W projekcie ustawy pojawiła się redefinicja studiów stacjonarnych, które tej pory wymagały realizacji zajęć w siedzibie uczelni. Teraz stwierdza się, że będą to studia, na których co najmniej 50% zajęć będzie musiało odbywać się w obecności studentów i nauczyciela akademickiego, zaś pozostałe 49% zajęć nie wymaga obecności tych dwóch podmiotów. Innymi słowy otwieramy się na kształcenie na odległość już na poziomie ustawy, a nie rozporządzenia ministra, które regulowało, ile maksymalnie czasu z planu zajęć może być realizowane w trybie kształcenia zdalnego.

Kolejną zmianą jest odejście od stosowanych dotychczas na wszystkich kierunkach studiów standardów kształcenia na rzecz wprowadzenia krajowych ram kwalifikacji. Takowe pozostaną tylko w kształceniu nauczycieli, czym zresztą uniwersytety i akademie jak dotychczas niechętnie się zajmują, nie godząc się na ich zmianę. Standardy pozostają też na kierunkach, które są regulowane poprzez przepisy Unii Europejskiej, a więc dla kształcenia w takich zawodach jak: lekarz, położna, pielęgniarka, architekt.

Przewodnicząca Komisji – poseł Krystyna Łybacka z SLD zwróciła uwagę, że wraz z powyższą reformą mogą ulec likwidacji studia wychowania fizycznego, gdyż władze uczelni mogą w ramach oszczędności wykluczyć z planów kształcenia zajęcia z kultury fizycznej. Stracą zatem pracę akademicy, którzy dotychczas prowadzili zajęcia z wychowania fizycznego. Zagrożenie to wynika także z faktu, że w dalszych częściach projektu ustawy rezygnuje się także ze stypendium za osiągnięcia sportowe. Jeśli połączymy te dwa fakty, pojawia się ogromna obawa, że może nastąpić likwidacja studiów wychowania fizycznego.

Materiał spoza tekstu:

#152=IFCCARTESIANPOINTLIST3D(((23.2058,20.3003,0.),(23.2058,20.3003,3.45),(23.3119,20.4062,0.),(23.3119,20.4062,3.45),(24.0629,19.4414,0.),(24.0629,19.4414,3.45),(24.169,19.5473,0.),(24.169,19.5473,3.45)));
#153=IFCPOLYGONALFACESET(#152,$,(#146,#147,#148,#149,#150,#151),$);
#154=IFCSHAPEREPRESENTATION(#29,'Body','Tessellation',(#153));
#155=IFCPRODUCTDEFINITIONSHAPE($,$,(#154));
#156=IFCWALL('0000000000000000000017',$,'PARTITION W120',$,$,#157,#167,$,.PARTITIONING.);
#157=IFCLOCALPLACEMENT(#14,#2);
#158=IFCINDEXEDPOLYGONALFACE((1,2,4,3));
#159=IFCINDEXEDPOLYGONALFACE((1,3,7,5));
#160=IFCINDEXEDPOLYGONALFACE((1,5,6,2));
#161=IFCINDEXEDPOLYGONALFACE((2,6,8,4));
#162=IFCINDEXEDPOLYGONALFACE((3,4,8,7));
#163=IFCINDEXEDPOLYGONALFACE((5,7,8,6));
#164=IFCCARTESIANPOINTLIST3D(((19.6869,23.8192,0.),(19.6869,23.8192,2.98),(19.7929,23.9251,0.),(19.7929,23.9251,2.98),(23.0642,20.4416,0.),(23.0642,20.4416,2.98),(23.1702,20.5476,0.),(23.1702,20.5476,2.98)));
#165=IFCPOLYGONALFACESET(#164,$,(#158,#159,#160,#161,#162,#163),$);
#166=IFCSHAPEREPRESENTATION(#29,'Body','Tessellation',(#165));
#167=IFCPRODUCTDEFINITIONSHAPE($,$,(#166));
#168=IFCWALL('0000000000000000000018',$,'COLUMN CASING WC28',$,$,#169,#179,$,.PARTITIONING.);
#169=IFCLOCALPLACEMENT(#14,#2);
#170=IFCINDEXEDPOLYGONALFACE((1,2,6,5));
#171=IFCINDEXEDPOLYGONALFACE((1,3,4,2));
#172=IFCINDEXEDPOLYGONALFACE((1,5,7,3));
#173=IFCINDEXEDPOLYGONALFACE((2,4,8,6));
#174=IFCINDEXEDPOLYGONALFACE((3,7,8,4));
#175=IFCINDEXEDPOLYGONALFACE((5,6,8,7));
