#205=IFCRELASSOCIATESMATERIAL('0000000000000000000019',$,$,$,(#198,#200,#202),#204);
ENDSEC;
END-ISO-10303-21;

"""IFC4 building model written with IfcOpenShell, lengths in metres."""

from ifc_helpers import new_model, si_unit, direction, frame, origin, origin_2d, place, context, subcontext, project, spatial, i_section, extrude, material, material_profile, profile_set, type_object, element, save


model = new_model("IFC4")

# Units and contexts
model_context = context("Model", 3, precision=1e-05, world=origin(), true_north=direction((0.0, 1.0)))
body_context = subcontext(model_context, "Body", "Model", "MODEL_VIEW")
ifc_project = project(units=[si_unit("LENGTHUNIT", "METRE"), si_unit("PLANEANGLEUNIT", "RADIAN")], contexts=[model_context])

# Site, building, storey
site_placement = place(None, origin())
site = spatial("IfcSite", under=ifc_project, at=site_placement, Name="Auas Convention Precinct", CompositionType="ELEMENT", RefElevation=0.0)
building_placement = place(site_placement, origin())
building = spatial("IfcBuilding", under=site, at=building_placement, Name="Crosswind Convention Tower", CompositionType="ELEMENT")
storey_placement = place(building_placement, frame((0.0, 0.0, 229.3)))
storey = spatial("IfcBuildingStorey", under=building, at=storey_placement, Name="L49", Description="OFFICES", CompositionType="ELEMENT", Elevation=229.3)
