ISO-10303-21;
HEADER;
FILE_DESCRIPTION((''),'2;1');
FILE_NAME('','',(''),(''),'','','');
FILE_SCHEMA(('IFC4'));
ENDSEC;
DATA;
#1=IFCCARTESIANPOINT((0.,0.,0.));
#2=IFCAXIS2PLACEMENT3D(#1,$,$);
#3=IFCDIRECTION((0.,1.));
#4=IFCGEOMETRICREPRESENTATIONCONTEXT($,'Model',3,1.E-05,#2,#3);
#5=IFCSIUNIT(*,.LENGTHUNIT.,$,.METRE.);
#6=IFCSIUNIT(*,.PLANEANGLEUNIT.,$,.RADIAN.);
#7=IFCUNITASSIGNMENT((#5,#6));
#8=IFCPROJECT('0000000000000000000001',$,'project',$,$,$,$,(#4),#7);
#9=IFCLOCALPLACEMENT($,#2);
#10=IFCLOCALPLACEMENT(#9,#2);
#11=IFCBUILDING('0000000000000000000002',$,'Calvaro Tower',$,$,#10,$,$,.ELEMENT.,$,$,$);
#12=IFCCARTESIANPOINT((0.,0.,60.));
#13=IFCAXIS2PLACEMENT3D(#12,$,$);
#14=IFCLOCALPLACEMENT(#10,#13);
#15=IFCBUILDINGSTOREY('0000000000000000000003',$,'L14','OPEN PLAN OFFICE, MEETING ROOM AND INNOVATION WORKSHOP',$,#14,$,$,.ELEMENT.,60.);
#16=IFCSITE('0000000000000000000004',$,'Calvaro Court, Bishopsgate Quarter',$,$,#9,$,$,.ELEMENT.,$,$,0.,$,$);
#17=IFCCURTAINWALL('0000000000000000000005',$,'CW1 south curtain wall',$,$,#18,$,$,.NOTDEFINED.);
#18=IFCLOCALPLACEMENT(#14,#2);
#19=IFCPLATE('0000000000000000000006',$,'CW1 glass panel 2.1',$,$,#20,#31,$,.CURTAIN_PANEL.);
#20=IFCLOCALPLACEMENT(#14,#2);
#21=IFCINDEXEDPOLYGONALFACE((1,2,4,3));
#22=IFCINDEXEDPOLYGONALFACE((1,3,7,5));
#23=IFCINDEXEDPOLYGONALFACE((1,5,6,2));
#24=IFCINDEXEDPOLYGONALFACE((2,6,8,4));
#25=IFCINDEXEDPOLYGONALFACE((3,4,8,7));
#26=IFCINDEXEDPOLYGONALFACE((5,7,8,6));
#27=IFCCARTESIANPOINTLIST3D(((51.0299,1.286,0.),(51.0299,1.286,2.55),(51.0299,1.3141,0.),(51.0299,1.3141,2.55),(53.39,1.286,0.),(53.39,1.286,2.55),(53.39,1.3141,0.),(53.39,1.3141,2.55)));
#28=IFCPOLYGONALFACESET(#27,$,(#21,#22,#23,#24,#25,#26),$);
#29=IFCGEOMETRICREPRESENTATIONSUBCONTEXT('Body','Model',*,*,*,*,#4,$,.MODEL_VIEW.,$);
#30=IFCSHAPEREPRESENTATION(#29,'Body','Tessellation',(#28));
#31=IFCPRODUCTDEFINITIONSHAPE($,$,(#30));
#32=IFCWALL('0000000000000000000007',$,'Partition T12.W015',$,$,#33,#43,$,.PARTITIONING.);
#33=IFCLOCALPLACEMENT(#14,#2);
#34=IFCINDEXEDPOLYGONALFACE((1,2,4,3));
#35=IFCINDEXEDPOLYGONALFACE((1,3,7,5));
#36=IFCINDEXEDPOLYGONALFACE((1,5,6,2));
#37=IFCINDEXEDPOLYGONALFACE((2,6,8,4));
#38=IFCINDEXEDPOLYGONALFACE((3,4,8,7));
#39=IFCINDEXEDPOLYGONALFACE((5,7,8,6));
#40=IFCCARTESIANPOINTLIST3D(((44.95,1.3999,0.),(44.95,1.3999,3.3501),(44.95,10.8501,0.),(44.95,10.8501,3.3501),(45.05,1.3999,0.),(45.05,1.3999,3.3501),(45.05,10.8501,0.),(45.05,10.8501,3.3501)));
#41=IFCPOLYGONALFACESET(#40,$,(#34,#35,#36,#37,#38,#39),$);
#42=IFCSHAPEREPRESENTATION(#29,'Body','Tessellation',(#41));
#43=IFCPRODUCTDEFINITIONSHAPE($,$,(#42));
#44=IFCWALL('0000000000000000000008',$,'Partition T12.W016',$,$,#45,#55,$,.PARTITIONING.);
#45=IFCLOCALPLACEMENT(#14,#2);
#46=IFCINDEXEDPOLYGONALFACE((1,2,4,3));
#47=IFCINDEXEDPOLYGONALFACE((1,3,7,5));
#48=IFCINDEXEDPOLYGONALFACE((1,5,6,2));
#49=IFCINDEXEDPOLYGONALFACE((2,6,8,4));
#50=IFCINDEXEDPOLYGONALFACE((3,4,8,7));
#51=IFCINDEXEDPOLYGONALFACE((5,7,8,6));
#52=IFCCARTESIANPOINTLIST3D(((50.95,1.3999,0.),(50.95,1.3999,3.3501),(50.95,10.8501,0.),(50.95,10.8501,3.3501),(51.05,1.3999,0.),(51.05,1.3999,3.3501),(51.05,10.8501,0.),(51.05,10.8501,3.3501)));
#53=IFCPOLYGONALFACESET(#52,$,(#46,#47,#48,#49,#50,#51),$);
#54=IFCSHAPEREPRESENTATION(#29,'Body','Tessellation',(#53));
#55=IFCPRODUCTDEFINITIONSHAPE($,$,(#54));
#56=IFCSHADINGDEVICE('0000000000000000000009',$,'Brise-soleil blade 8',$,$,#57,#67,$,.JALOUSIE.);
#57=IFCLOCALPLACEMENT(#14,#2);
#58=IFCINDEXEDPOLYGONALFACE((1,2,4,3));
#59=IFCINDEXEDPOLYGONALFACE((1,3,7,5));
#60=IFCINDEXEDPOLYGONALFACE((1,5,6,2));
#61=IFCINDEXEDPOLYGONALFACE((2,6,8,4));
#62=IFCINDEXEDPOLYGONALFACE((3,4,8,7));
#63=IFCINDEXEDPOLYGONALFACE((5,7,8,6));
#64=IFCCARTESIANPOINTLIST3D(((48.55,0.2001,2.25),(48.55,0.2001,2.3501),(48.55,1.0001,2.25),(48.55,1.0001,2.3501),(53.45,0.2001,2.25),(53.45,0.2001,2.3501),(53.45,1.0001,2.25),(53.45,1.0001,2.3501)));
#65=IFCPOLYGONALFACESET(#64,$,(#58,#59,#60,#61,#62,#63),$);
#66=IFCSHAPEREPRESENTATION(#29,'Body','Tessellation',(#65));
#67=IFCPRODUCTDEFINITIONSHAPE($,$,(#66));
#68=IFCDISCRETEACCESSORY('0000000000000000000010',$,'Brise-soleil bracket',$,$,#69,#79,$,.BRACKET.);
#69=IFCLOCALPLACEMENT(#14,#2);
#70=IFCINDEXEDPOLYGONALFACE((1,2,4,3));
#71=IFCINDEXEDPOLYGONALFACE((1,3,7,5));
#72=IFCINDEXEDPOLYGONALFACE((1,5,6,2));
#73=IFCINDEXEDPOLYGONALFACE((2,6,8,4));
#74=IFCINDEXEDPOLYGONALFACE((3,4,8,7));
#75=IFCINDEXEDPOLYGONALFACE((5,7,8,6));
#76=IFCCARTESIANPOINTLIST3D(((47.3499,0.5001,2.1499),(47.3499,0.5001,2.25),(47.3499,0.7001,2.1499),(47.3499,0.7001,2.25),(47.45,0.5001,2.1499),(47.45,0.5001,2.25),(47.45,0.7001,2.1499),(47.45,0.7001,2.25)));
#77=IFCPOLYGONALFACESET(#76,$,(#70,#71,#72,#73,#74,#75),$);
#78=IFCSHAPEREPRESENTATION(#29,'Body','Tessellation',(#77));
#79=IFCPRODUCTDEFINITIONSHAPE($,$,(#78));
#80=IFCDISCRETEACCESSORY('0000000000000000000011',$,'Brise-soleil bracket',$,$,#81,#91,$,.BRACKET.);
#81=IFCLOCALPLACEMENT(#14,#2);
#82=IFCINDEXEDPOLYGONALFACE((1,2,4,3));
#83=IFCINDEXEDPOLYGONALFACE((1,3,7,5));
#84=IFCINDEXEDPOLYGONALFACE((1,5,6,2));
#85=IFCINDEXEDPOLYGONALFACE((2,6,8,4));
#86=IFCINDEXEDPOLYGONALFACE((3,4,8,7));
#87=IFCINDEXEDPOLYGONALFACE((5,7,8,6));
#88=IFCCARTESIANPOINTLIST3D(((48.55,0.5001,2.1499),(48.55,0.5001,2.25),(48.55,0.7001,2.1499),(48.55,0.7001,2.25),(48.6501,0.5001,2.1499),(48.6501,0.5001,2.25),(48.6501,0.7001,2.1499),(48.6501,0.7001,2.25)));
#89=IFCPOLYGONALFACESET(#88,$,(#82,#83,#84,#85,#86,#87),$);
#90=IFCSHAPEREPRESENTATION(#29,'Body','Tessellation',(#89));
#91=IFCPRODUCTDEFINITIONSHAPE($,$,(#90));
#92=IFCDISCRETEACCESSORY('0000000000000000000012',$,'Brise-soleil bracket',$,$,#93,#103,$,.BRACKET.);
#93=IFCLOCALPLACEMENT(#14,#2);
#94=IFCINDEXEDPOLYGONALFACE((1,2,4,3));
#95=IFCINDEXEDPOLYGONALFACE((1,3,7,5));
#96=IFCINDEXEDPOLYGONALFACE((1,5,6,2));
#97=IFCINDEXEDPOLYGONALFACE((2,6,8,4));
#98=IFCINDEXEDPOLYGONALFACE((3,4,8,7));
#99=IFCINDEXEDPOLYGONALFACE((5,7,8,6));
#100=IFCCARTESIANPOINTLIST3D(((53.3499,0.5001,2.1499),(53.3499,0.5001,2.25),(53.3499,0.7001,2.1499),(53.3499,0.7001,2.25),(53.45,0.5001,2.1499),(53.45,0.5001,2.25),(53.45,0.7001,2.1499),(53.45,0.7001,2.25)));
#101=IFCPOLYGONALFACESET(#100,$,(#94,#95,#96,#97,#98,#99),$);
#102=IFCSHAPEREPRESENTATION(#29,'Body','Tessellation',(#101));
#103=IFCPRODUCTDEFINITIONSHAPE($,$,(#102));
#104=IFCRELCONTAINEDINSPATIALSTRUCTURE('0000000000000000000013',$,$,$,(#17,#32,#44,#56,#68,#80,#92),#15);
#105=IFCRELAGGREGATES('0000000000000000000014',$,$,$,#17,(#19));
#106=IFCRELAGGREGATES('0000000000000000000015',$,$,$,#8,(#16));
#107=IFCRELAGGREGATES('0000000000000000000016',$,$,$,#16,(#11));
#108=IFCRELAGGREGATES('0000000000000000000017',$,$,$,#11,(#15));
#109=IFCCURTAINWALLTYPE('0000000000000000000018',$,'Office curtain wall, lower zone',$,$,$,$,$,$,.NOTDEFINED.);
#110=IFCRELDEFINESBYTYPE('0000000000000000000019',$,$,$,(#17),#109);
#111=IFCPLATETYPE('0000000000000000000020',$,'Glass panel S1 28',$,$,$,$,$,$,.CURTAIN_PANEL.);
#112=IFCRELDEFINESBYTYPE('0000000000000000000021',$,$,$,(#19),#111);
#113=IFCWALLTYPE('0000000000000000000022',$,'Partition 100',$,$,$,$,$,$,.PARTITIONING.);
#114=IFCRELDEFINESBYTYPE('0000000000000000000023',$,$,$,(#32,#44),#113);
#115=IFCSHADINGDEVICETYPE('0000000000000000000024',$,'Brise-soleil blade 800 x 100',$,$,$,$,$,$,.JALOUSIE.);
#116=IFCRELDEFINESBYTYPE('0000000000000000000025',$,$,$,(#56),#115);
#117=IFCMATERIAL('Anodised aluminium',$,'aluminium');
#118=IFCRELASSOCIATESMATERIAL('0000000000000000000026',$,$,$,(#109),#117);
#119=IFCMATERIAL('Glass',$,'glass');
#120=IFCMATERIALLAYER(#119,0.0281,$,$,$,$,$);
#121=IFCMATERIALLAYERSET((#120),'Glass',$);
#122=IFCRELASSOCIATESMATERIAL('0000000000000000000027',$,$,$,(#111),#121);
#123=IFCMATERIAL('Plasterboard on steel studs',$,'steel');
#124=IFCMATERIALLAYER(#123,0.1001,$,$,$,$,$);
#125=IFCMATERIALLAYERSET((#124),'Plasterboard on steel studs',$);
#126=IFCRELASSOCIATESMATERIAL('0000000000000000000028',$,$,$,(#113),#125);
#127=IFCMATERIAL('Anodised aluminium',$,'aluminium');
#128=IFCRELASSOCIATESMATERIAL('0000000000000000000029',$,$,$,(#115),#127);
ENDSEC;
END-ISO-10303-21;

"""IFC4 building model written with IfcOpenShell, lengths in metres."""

from ifc_helpers import new_model, si_unit, direction, frame, frame_2d, origin, origin_2d, place, context, subcontext, project, spatial, rectangle, extrude, material, layer, layer_set, material_profile, profile_set, type_object, element, aggregate, save


model = new_model("IFC4")

# Units and contexts
model_context = context("Model", 3, precision=1e-05, world=origin(), true_north=direction((0.0, 1.0)))
body_context = subcontext(model_context, "Body", "Model", "MODEL_VIEW")
ifc_project = project(units=[si_unit("LENGTHUNIT", "METRE"), si_unit("PLANEANGLEUNIT", "RADIAN")], contexts=[model_context])

# Site, building, storey
site_placement = place(None, origin())
site = spatial("IfcSite", under=ifc_project, at=site_placement, Name="Calvaro Court, Bishopsgate Quarter", CompositionType="ELEMENT", RefElevation=0.0)
building_placement = place(site_placement, origin())
building = spatial("IfcBuilding", under=site, at=building_placement, Name="Calvaro Tower", CompositionType="ELEMENT")
storey_placement = place(building_placement, frame((0.0, 0.0, 60.0)))
storey = spatial("IfcBuildingStorey", under=building, at=storey_placement, Name="L14", Description="OPEN PLAN OFFICE, MEETING ROOM AND INNOVATION WORKSHOP", CompositionType="ELEMENT", Elevation=60.0)

# Curtain wall
ifc_material_1 = material(Name="Anodised aluminium", Category="aluminium")
curtain_wall_type = type_object("IfcCurtainWallType", Name="Office curtain wall, lower zone", PredefinedType="NOTDEFINED", material=ifc_material_1)
curtain_wall_1_placement = place(storey_placement, origin())
curtain_wall_1 = element("IfcCurtainWall", 1, at=curtain_wall_1_placement, inside=storey, type_object=curtain_wall_type, Name="CW1 south curtain wall", PredefinedType="NOTDEFINED")

# Plate
ifc_material_2 = material(Name="Glass", Category="glass")
ifc_layer_1 = layer(ifc_material_2, 0.0281)
ifc_layer_set_1 = layer_set([ifc_layer_1], Name="Glass")
plate_type = type_object("IfcPlateType", Name="Glass panel S1 28", PredefinedType="CURTAIN_PANEL", material=ifc_layer_set_1)
plate_1_placement = place(storey_placement, frame((52.21, 1.3, 0.0), z_axis=(0.0, 0.0, 1.0), x_axis=(1.0, 0.0, 0.0)))
plate_1 = element("IfcPlate", 2, at=plate_1_placement, type_object=plate_type, Name="CW1 glass panel 2.1", PredefinedType="CURTAIN_PANEL", context=body_context, shape_type="SweptSolid", body=[
    extrude(rectangle(XDim=2.3601, YDim=0.0281, at=origin_2d()), origin(), (0.0, 0.0, 1.0), 2.55),
])
aggregate(curtain_wall_1, [plate_1])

Minister B. Kudrycka stwierdziła, że nie ma potrzeby martwić się o to, gdyż ona wprowadzi aktem wykonawczym w ramach ram kwalifikacyjnych obowiązek uwzględnienia w kształceniu także kondycji fizycznej studentów.

O trosce resortu o „wysoką” jakość polskich uniwersytetów świadczy także to, że nastąpiło obniżenie z dwunastu do dziesięciu kierunków w przypadku, kiedy uczelnia nosi miano bezprzymiotnikowego uniwersytetu lub uniwersytetu technicznego. Brawo Droga na skróty! To może zmniejszyć jeszcze do 6, a będzie z tego plaster miodu!

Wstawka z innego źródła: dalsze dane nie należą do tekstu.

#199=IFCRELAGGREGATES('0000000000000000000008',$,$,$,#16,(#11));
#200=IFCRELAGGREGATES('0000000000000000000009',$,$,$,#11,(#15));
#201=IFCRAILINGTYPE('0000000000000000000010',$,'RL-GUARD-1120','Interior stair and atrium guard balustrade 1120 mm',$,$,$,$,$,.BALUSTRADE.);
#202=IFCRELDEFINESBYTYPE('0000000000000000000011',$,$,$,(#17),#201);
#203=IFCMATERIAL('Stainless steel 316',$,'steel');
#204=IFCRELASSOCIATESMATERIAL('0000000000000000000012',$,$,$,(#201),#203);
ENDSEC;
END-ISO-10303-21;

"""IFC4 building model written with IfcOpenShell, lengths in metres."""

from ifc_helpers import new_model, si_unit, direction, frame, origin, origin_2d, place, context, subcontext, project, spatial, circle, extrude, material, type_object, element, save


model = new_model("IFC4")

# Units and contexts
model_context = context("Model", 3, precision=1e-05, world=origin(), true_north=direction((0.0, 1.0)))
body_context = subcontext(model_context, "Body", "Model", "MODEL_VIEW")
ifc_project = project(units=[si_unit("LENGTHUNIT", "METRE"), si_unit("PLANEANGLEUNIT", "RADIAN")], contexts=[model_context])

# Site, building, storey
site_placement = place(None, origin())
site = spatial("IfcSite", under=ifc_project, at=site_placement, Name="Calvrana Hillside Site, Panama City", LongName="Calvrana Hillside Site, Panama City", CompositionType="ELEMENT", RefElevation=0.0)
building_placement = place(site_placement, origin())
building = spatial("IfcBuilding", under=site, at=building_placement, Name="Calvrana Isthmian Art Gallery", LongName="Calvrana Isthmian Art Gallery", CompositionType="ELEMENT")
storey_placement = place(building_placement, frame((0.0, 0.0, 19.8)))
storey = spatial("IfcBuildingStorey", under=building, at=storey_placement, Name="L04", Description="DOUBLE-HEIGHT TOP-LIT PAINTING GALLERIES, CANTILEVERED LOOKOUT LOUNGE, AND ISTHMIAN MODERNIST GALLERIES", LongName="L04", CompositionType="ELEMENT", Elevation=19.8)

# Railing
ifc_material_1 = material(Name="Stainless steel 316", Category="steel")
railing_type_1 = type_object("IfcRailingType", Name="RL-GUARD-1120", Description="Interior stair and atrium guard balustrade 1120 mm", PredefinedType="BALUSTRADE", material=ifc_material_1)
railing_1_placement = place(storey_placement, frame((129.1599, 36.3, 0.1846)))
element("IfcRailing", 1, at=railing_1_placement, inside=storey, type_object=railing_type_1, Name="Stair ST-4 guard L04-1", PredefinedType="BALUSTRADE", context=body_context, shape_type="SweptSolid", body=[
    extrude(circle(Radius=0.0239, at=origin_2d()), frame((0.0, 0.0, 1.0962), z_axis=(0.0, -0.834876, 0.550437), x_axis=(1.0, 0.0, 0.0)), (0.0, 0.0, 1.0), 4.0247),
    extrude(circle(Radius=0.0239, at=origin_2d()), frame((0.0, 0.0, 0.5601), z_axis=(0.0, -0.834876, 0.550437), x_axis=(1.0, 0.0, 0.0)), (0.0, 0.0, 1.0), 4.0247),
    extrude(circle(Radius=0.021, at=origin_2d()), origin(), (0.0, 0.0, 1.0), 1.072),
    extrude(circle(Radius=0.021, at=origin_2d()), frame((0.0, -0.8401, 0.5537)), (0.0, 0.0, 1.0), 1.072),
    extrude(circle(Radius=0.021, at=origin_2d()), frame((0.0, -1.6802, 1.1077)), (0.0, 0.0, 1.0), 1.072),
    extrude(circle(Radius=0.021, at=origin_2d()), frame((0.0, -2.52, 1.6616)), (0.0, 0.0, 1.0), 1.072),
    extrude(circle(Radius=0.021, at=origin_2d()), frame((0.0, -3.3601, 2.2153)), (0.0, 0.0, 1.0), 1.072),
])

Pani min. B. Kudrycka postanowiła ograniczyć uczelniom publicznym ich prawa do autonomii. Kiedy chcą zwiększania limitu przyjęć na studia powyżej 2%, to wymaga to zgody ministra. W sytuacji niżu demograficznego, kiedy konkurencja pomiędzy uczelniami jest bardzo silna, niemożność zwiększania liczby studentów studiów stacjonarnych w dużo lepszych od szkół prywatnych uczelniach publicznych stanowi sztuczne tłumienie owego popytu i tak naprawdę zmusza kandydatów do wybierania odpłatnych studiów w szkolnictwie niepublicznym. Brawo! Cóż za troska o wyrównywanie szans edukacyjnych młodzieży! Widać, że Platforma Obywatelska wraz z SLD chcą, by nasza młodzież, szczególnie ta z uboższych środowisk, nie studiowała bezpłatnie, tylko kupowała bilet do akademickiego "raju" w szkolnictwie niepublicznym.

Kolejna kwestia, która potwierdza dążenie obecnego ministerstwa do utrzymania przy życiu tych patologicznych wyższych szkół zawodowych, które nie spełniają wymogów zatrudnienia minimalnej liczby profesorów - doktorów habilitowanych i doktorów. Zamiast właśnie dążyć do zamykania tych pseudoszkółek, walczyć z pozoranctwem, tandetą i oszustwami, jakie rozpleniły się w tym zakresie w szkolnictwie niepublicznym, ale i częściowo także w zawodowym szkolnictwie państwowym, wprowadza się tzw. zamienniki w przypadkach uczelni, które prowadzą studia pierwszego stopnia o profilu praktycznym. W myśl tej zmiany nauczyciela akademickiego posiadającego stopień doktora habilitowanego można będzie zastąpić dwoma osobami posiadającymi stopień naukowy doktora, zaś z sytuacji braku doktorów lub niechęci do ich zatrudniania ze względu na oszczędzanie (dla podwyższania zysków) . w takich samych uczelniach będzie można doktora zastąpić dwiema osobami, które posiadają tytuł zawodowy magistra oraz doświadczenie zawodowe związane z zawodem wykonywanym poza uczelnią. Tego typu wymienniki będą mogły objąć 50% składu tzw. minimum kadrowego. Brawo! Wyższa jakość kształcenia ma być uzyskana kosztem niższej jakościowo kadry? To jest dopiero fenomen! Powracamy do socjalistycznej formuły "wyrobów czekoladopodobnych". Teraz będą "kadry naukowopodobne".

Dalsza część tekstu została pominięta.